LONDON, Aug 25 (Reuters) – Virgin Atlantic’s trade creditors voted on Tuesday in favour of a 1.2 billion pound ($1.6 billion) rescue program, carrying the airline a step closer to completing a restructuring developed to secure its later beyond the coronavirus crisis.
Virgin Atlantic agreed the deal with shareholders & monetary as well as other significant creditors in July, in addition, on Tuesday smaller vendors that the carrier owed money to also authorized it.
“Today, Virgin Atlantic has arrived at a big milestone in preserving its potential future, securing the overwhelming support of all the four creditor classes, this includes ninety nine % help from swap creditors who voted in favour of the plan,” a sp
“Achieving this milestone sets up Virgin Atlantic in a place to rebuild its balance sheet, reestablish customer self-confidence and welcome passengers again to the atmosphere once they’re prepared to travel.”

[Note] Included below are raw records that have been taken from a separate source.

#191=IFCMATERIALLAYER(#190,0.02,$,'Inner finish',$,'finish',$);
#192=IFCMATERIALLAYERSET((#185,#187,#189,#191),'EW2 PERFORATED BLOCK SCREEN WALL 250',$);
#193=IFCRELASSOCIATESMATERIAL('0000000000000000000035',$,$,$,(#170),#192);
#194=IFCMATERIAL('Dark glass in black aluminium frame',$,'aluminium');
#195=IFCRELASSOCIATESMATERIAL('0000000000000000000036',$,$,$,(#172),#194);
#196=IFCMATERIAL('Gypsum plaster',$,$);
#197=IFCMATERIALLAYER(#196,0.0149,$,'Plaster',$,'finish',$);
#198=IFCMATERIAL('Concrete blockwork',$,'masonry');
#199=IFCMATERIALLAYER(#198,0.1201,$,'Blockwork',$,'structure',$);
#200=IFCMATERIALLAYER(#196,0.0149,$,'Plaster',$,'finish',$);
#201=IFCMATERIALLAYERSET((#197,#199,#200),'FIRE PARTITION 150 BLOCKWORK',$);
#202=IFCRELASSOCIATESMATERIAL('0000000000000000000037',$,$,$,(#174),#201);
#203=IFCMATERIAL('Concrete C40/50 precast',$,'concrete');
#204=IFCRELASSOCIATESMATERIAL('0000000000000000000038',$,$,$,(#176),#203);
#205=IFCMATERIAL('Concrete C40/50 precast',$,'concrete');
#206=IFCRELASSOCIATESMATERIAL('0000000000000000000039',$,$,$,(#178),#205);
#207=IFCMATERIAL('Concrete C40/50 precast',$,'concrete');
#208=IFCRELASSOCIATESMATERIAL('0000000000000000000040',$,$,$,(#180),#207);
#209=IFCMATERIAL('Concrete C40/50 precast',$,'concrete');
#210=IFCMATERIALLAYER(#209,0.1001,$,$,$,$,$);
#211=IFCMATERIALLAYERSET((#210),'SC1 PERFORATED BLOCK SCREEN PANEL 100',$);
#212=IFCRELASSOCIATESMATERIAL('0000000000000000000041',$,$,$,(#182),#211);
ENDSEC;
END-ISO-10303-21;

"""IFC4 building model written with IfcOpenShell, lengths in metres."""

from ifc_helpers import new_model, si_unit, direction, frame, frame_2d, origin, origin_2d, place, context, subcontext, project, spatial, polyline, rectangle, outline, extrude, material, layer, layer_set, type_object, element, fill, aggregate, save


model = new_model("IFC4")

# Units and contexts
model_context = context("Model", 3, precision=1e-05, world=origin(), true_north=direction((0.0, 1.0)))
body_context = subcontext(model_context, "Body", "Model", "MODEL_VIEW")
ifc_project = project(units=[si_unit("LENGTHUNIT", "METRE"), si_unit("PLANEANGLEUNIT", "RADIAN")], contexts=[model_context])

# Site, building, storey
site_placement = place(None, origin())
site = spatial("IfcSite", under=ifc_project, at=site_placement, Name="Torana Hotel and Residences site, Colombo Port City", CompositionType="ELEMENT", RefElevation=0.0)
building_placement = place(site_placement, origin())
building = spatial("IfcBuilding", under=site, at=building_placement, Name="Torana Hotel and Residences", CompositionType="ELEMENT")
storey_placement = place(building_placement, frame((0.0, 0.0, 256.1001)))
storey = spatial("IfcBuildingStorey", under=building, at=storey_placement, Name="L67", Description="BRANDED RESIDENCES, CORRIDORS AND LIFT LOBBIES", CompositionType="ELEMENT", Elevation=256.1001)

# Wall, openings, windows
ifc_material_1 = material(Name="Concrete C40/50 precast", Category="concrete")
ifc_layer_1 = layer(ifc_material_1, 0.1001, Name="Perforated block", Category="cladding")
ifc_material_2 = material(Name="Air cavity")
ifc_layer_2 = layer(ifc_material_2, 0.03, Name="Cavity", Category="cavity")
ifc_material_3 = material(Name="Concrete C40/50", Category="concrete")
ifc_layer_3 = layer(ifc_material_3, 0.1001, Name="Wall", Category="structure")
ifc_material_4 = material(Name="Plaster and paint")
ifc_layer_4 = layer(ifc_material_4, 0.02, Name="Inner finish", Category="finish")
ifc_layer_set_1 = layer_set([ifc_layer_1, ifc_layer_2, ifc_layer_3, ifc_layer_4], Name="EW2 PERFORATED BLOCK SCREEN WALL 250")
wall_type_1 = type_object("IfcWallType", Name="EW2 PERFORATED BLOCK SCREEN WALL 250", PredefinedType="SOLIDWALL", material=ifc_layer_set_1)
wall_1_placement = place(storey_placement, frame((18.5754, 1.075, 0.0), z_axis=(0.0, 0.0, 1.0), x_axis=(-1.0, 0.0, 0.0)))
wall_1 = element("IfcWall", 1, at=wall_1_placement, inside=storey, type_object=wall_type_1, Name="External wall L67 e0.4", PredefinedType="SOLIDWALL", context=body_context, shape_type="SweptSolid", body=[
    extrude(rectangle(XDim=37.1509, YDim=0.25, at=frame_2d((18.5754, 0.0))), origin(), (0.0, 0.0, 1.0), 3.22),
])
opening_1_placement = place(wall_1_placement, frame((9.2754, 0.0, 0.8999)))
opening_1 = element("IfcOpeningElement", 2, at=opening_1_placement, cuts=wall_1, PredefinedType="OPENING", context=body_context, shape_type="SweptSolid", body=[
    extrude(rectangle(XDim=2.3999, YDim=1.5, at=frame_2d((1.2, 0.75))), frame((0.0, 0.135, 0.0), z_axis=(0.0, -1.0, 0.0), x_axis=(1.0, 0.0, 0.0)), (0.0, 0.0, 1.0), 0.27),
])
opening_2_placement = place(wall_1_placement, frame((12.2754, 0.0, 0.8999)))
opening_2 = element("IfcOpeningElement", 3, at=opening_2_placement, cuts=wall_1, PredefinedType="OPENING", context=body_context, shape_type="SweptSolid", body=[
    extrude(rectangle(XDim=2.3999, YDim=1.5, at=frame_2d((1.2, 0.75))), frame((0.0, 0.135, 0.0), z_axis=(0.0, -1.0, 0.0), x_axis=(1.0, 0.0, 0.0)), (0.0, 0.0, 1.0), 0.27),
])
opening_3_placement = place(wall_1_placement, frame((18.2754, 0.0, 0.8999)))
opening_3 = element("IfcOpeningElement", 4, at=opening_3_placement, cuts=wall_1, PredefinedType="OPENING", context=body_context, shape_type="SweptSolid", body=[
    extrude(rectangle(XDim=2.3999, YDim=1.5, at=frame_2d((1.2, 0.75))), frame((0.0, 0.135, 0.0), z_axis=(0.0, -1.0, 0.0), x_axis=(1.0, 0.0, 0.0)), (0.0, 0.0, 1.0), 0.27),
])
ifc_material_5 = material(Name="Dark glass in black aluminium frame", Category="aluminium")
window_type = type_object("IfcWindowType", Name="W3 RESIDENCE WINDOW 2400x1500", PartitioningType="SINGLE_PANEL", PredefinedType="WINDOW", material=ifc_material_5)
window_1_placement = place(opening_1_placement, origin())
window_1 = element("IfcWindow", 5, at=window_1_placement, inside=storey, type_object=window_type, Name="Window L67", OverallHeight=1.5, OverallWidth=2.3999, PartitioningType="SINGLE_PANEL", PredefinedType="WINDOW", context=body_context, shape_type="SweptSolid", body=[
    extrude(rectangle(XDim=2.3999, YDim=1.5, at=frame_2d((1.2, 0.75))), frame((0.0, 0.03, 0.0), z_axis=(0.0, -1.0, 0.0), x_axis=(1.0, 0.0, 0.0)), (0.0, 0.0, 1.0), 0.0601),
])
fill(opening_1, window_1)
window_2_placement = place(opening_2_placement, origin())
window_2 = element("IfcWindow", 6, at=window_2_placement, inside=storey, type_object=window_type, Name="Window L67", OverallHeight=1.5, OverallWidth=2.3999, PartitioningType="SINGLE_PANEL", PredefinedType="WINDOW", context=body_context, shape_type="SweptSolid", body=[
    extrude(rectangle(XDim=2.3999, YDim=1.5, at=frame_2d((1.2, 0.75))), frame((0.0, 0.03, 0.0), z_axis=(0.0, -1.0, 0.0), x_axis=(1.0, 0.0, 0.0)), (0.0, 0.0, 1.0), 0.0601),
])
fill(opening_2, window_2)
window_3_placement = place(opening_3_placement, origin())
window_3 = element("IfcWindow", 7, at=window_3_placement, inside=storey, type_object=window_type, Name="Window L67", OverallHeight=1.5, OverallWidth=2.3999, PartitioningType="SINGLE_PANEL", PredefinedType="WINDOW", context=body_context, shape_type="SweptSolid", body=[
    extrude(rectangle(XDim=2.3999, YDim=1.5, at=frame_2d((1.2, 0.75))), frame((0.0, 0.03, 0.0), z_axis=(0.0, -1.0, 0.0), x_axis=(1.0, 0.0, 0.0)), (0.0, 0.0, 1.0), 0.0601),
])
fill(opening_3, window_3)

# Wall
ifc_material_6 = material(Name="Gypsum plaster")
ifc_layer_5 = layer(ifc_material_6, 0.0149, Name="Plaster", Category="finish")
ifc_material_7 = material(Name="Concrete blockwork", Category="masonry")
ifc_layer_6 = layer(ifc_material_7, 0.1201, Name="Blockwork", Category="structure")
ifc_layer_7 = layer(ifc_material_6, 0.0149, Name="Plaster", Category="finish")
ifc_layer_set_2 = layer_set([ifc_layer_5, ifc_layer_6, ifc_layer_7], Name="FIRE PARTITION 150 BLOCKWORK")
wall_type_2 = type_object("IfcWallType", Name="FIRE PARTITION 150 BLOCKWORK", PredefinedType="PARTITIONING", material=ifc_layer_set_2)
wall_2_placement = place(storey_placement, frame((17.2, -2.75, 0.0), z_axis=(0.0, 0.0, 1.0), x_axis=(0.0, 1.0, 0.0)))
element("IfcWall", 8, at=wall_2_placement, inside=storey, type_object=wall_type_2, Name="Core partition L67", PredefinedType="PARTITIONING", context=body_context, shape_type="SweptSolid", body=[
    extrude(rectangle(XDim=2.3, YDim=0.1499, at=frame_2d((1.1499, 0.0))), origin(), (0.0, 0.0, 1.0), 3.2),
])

The air carrier, 51 % owned and operated by Richard Branson’s Virgin Group as well as 49 % by U.S. air carrier Delta DAL.N, has had to close the platform of its at London’s Gatwick Airport and cut over 3,500 jobs to cope with fallout from COVID-19.
The pandemic has seated planes & hammered need for air travel.
Virgin Atlantic had stated to a court filing in August it would run out of profit by the conclusion of September unless of course the recapitalisation plan was approved.
A hearing at London’s High Court is actually due for Sept two to approve the plan.
“We remain confident that the weight loss plan represents the absolute best impact for Virgin Atlantic and all its creditors and assume that the court will exercise its power to sanction the restructuring plan,” the spokeswoman said.
A procedural hearing is actually scheduled for Sept 3 in the United States so that the price could be recognised there.